İsmail Beşikçi’nin konuşmasından satırbaşları şöyle;
‘Üniversite ifade özgürlüğünü hiç savunmamıştır’
Bilim üretmenin temel koşulu ifade özgürlüğüdür. Sadece bilimin değil demokrasinin de temel koşuludur bu. Üniversite ifade özgürlüğünü hiç savunmamıştır. Rektör adaylarının hiçbirisi ‘ifade özgürlüğünün savunulması için çaba göstereceğiz’ açıklaması yapmamıştır. Eğer ifade özgürlüğü siyasal hayatta kurumsallaşmamışsa akademik özgürlüğün hiçbir değeri yoktur. İstediğin kadar profesör ol, Ermenilerle, Alevilerle ilgili bir şey söylediğinde soruşturmayla karşı karşıya kalırsın.
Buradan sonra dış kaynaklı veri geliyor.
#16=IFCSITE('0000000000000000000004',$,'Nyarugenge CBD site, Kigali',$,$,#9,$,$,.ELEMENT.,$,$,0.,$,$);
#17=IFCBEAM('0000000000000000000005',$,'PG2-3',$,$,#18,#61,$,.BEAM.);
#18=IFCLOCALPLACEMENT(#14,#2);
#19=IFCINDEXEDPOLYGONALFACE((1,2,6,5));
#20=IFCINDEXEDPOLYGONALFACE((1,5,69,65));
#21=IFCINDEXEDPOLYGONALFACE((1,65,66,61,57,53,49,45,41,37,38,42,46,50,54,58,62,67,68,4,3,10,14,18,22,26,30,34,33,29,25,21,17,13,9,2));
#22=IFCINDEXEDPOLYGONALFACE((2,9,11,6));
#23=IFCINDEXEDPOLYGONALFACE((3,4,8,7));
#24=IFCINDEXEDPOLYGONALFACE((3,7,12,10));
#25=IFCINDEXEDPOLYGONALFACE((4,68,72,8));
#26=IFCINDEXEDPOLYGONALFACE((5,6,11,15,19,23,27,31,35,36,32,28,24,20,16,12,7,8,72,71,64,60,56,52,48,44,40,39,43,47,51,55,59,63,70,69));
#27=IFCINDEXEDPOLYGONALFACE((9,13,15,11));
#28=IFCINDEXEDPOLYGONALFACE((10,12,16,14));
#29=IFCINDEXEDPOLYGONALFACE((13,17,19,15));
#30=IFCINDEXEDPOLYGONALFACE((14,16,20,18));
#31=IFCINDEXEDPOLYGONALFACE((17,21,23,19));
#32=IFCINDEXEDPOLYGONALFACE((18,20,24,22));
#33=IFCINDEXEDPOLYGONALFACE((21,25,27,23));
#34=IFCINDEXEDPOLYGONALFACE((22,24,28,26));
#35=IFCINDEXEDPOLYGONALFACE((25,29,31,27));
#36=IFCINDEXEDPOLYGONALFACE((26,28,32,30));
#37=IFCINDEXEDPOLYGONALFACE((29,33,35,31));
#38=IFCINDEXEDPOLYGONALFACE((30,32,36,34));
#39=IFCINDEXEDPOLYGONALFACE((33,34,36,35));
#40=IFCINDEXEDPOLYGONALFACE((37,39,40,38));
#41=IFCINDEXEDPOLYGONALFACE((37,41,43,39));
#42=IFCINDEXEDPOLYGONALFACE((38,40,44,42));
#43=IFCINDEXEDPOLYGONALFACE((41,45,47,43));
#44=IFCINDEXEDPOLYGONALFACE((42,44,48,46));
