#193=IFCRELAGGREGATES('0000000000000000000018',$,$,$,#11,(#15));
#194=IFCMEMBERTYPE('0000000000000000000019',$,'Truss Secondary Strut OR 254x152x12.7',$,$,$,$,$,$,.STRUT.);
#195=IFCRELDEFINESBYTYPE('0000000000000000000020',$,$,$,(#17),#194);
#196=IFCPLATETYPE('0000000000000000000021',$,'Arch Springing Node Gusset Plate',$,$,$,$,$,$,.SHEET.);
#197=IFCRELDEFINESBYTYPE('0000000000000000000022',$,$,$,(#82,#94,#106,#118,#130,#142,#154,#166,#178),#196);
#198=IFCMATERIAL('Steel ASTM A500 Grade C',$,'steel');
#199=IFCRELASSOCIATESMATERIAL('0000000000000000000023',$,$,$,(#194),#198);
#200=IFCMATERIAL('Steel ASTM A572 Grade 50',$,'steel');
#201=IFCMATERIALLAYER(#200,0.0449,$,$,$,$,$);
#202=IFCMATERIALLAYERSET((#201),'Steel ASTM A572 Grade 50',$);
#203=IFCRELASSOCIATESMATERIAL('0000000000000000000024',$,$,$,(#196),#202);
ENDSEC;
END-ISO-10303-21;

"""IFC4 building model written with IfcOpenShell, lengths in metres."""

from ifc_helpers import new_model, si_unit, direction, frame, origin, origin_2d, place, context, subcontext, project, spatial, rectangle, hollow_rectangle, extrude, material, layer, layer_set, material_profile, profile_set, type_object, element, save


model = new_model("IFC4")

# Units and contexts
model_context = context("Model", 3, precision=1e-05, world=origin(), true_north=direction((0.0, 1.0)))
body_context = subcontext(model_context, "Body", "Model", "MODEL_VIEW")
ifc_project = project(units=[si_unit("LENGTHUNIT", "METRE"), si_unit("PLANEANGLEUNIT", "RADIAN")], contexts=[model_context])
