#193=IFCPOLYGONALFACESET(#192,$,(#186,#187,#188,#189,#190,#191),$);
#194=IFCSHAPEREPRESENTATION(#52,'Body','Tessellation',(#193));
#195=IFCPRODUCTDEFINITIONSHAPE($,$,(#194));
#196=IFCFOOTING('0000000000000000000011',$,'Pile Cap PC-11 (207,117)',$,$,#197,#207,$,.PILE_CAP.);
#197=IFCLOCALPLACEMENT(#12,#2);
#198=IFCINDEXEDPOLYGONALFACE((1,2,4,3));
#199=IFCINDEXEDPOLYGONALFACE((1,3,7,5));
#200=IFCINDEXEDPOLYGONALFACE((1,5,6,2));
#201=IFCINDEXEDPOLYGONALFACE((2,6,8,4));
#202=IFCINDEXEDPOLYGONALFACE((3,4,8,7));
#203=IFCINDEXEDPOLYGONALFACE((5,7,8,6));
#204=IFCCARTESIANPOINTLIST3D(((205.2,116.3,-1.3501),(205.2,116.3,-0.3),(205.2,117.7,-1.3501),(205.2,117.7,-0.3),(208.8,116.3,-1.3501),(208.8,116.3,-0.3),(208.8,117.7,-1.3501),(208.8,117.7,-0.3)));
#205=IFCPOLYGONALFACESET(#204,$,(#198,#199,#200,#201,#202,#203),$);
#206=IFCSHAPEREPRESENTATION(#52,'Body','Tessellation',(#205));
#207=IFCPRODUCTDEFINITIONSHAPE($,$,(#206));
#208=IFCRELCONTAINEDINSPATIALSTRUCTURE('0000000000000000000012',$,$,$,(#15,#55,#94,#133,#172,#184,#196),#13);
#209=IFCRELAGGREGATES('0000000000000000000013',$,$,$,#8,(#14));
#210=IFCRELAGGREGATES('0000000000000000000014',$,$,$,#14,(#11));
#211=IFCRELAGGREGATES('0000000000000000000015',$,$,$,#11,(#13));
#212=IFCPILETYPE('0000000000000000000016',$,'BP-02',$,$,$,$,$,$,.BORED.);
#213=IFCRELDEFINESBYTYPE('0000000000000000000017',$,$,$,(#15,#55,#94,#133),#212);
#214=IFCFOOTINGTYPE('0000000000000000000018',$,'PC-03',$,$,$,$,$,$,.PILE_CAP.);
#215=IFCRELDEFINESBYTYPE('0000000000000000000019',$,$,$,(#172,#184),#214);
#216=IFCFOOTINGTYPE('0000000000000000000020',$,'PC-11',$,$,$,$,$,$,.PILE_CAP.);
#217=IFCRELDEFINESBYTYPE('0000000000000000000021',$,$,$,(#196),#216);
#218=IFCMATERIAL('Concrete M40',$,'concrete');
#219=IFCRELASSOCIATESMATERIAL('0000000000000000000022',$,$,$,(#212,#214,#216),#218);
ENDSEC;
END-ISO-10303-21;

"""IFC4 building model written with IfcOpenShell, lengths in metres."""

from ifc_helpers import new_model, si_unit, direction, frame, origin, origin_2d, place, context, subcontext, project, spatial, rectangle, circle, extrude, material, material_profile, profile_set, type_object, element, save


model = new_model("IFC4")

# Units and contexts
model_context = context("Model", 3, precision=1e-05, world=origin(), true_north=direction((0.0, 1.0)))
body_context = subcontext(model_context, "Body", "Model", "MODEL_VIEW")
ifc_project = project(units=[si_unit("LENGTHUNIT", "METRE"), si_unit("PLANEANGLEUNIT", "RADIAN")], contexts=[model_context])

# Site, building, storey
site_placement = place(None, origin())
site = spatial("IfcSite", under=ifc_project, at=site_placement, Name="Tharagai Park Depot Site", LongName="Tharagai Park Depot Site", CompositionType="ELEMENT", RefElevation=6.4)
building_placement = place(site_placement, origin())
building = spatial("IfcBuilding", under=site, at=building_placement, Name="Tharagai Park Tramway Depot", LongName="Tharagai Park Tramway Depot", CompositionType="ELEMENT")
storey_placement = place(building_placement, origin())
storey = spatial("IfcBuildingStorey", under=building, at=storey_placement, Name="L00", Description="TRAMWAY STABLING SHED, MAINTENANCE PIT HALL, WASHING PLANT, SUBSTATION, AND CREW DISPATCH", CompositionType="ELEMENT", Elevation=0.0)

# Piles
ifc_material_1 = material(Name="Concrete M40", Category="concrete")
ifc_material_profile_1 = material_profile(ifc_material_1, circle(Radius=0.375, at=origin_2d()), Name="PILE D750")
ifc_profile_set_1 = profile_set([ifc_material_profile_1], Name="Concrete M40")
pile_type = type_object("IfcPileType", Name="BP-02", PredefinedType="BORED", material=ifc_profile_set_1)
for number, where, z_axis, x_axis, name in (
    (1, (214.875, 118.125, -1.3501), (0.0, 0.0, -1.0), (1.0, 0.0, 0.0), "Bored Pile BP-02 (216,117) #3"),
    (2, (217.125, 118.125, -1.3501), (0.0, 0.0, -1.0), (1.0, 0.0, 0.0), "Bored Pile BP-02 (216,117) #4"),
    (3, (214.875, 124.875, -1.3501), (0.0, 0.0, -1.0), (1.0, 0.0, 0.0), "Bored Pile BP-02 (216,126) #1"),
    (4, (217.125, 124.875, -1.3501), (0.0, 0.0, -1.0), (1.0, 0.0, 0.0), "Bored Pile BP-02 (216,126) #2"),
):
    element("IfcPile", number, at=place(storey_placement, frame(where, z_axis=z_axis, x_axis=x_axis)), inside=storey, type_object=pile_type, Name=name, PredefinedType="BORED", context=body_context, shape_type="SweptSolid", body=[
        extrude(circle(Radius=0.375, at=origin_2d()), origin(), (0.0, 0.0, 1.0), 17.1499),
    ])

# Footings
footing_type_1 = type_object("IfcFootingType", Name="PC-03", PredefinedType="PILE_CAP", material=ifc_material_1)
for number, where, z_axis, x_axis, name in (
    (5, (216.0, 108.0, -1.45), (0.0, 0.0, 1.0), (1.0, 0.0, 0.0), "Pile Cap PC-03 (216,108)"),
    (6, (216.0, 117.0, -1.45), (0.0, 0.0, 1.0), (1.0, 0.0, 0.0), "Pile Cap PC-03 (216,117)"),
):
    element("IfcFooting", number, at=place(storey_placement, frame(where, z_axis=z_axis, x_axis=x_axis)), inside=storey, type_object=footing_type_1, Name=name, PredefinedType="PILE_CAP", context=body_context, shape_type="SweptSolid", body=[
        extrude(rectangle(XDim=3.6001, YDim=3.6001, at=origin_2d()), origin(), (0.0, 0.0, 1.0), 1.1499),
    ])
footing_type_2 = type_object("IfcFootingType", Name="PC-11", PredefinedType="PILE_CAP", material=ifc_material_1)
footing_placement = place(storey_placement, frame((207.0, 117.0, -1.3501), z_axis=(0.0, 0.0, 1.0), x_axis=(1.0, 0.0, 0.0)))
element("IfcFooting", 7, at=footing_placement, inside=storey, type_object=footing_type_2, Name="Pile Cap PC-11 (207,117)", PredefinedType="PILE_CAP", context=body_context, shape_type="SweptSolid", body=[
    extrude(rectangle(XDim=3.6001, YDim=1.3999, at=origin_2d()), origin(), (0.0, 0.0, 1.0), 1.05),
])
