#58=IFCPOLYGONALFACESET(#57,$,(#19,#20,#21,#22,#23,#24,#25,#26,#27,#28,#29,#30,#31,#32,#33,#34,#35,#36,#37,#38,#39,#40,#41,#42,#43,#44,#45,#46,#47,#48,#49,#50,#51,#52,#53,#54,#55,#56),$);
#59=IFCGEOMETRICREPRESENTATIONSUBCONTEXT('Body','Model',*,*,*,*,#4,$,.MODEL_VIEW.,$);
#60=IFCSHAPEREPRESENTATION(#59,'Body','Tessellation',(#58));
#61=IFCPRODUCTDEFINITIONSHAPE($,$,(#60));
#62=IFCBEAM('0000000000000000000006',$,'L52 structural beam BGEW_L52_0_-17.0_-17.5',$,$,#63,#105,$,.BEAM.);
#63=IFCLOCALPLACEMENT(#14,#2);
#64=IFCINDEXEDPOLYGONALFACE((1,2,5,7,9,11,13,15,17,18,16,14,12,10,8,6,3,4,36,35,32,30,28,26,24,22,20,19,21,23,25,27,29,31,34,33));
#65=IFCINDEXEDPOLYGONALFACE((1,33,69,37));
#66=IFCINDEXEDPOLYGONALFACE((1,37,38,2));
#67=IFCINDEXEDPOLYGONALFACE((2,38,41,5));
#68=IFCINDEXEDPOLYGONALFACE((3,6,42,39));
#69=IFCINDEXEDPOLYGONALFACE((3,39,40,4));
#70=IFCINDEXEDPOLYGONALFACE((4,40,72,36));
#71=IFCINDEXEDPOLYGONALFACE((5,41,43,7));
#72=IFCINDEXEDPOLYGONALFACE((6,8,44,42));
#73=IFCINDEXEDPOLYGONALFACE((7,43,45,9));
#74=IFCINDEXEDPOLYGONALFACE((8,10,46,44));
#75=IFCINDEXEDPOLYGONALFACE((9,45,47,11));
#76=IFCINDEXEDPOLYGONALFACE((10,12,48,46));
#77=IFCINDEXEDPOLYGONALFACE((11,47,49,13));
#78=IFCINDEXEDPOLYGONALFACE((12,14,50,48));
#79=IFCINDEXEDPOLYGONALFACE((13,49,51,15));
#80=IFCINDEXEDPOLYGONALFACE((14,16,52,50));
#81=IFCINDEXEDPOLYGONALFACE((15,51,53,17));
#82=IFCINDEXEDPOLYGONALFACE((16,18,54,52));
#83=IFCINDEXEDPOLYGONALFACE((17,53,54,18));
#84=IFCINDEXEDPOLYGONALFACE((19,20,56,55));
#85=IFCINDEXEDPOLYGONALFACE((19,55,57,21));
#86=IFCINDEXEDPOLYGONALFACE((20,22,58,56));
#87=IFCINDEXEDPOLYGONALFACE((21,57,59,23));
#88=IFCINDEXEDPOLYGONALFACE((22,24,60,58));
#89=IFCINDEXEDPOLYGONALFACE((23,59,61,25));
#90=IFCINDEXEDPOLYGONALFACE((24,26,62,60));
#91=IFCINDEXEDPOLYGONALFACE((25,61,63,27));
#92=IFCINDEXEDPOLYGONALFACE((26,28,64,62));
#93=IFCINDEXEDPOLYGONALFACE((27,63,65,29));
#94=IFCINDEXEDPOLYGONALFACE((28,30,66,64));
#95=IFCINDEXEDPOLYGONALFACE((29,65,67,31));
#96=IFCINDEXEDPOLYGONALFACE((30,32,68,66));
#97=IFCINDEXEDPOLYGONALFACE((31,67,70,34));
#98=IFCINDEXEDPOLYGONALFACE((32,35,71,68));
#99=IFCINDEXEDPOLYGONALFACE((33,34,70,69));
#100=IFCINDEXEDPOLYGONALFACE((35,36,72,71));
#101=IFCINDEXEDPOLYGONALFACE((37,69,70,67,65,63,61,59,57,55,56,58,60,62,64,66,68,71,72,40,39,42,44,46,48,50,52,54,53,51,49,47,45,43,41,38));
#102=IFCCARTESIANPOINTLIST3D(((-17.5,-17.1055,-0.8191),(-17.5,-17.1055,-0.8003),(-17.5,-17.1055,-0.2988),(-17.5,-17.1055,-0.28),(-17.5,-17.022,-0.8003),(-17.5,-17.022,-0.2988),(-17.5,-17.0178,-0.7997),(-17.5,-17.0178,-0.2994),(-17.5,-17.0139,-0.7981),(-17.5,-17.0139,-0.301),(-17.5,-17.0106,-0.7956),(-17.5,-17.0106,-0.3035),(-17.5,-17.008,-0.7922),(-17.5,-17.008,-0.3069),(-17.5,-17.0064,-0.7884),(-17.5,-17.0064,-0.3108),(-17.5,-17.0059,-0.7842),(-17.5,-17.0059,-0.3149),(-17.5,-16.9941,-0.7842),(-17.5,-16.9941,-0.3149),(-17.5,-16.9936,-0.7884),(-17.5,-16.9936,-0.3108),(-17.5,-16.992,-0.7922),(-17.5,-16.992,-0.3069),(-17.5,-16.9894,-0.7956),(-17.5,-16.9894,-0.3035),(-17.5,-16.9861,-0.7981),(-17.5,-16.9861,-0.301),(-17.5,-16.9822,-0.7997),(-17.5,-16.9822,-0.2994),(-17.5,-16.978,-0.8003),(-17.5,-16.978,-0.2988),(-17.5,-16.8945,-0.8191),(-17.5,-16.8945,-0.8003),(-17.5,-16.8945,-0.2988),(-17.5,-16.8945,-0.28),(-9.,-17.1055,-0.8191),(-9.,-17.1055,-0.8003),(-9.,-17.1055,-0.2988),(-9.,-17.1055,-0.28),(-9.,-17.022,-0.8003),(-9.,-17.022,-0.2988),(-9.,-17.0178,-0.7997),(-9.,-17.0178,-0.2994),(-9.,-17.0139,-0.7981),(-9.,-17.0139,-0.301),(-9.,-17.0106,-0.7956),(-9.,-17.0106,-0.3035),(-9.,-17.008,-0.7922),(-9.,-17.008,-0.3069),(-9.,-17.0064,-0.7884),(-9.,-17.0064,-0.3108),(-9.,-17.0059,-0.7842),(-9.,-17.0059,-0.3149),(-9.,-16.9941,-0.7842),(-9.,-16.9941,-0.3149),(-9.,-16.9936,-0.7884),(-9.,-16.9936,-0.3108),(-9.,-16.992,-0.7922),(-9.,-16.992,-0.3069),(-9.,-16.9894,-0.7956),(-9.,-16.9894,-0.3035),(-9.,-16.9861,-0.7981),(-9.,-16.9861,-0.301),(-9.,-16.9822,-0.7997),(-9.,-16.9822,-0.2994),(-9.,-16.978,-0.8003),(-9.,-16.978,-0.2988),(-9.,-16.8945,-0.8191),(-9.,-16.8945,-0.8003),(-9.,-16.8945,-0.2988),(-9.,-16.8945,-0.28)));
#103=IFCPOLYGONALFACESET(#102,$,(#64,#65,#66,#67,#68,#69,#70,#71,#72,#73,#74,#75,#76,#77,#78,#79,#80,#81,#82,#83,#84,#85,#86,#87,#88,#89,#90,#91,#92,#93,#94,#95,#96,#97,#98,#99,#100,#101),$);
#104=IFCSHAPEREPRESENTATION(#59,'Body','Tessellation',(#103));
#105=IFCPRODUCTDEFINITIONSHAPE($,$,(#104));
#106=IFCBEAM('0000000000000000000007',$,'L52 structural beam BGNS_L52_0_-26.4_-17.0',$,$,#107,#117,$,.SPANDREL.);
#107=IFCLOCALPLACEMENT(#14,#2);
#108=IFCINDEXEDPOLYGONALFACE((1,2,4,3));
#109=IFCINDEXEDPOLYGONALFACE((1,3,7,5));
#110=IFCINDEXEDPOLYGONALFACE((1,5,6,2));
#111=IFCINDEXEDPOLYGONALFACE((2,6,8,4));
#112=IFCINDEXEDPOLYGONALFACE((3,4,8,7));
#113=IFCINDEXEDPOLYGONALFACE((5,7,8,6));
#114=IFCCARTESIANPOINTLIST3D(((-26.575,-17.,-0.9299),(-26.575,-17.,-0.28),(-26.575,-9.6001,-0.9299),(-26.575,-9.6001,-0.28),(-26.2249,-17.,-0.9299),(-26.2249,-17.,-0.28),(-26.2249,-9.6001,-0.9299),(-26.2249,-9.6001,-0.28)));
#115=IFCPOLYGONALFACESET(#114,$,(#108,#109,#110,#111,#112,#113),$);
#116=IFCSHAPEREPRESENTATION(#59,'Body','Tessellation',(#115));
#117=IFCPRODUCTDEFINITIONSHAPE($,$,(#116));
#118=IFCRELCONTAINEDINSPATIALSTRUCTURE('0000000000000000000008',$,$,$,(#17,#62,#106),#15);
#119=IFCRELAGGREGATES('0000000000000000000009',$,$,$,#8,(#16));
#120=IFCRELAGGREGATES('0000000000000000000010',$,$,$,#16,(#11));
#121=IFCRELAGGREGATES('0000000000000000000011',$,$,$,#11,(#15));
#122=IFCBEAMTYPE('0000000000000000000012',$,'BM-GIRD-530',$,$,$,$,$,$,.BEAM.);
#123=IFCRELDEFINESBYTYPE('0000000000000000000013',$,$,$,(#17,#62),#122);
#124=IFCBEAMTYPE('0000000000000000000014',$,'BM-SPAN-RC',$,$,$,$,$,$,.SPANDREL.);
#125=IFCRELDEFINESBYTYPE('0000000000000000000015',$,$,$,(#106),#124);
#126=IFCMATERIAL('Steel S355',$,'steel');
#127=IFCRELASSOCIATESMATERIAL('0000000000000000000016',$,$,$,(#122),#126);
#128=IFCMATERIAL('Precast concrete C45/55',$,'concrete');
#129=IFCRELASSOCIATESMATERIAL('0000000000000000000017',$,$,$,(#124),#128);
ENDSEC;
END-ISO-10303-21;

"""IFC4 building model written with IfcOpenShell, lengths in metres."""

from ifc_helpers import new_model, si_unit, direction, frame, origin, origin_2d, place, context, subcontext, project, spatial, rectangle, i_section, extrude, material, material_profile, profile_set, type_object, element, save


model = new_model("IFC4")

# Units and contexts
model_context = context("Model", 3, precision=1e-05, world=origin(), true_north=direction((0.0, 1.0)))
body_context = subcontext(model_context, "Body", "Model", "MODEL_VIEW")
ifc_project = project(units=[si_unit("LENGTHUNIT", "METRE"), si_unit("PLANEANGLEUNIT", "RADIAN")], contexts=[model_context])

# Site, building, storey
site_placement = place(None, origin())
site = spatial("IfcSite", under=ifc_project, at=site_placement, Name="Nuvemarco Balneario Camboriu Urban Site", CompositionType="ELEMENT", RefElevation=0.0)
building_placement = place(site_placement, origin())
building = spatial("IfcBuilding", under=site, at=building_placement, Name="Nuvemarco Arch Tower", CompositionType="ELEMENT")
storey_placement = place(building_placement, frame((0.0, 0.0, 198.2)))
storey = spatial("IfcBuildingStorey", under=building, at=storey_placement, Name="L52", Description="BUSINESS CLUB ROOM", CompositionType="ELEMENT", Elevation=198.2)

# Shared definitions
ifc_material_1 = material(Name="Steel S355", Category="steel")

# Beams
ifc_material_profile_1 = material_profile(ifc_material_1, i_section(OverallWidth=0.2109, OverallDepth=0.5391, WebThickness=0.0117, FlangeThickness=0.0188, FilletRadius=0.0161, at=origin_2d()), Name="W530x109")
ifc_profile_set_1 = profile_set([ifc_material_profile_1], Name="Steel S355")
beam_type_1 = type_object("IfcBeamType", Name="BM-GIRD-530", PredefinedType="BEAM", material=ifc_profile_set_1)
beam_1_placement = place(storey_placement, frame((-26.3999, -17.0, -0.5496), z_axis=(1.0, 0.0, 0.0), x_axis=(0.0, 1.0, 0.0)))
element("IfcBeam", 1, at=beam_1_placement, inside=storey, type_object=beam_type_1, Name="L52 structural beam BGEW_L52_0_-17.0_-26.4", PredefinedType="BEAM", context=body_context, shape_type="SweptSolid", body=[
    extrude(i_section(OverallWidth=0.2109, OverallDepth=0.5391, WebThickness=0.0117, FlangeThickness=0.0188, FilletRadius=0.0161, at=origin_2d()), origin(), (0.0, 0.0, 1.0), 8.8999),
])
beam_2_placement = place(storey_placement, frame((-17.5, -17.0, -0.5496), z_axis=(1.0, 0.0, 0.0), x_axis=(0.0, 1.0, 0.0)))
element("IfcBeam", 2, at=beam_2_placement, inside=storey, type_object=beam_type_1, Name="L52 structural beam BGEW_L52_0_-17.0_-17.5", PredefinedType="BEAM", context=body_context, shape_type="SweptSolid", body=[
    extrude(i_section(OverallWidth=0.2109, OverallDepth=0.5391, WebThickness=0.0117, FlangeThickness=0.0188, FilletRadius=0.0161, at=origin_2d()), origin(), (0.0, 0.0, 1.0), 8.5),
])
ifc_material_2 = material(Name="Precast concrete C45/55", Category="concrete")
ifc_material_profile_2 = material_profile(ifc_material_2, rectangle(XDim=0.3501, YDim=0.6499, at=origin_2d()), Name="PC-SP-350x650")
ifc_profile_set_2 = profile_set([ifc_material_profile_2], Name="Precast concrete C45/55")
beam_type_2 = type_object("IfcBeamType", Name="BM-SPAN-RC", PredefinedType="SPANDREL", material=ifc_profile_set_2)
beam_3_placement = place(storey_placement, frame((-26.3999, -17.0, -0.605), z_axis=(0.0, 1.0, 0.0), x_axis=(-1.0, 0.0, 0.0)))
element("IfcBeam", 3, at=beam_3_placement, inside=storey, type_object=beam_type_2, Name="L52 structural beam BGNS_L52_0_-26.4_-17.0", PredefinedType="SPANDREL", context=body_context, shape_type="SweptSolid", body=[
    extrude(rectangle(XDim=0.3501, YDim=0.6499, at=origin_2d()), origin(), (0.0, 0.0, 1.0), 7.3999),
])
‘Devletin niyeti Kürt taleplerini bastırmak’
Türkiye’de üniversitenin gelişmesinde üniversite özerkliğinin kavranmasında temel bağlantı Kürt sorunudur. 1961 Anayasası 120’nci maddesinde ‘üniversite bilimsel ve idari özgürlüğe sahiptir’ diyor. 1960-1970 arasında Kürdistan’da bilinç gelişmektedir. Devletin niyeti Kürt taleplerini karşılamak değildir, bastırmaktır.
12 Mart Muhtırasının verilmesinin temel nedeni de Kürt sorununu bastırmaktır. 1971 Anayasa değişikliğinde ‘üniversite devletin denetimi ve gözetimi altındadır’ diyor. Yani resmi ideolojinin denetimi altındadır. Bir diğer değişiklik ‘devletin ülkesi ve milletiyle bölünmez bütünlüğü’ kavramı ortaya atılıyor. Bu da devletin ileri sürdüğü talepleri kabul etmek değil bastırmak olarak kurgulanıyor.
‘Askeri darbelerin tetikleyicisi Kürt sorunudur’
1970-1980 arasında Kürtlerde gelişme yükselerek sürüyor. 1978-79 yıllarında kanatlı jandarma tatbikatları Kürt illerinde yapılıyordu. Bu 12 Eylül darbesine bir hazırlıktır. Türkiye’deki askeri darbelerin hepsinin tetikleyicisi Kürt sorunudur. Bilim hiç bunu açıklamadı. Hükümetin bozulan kamu düzenini tesis edememesini gerekçe gösterdiler. Öyle değil. Esas tetiklediği Kürt sorunudur.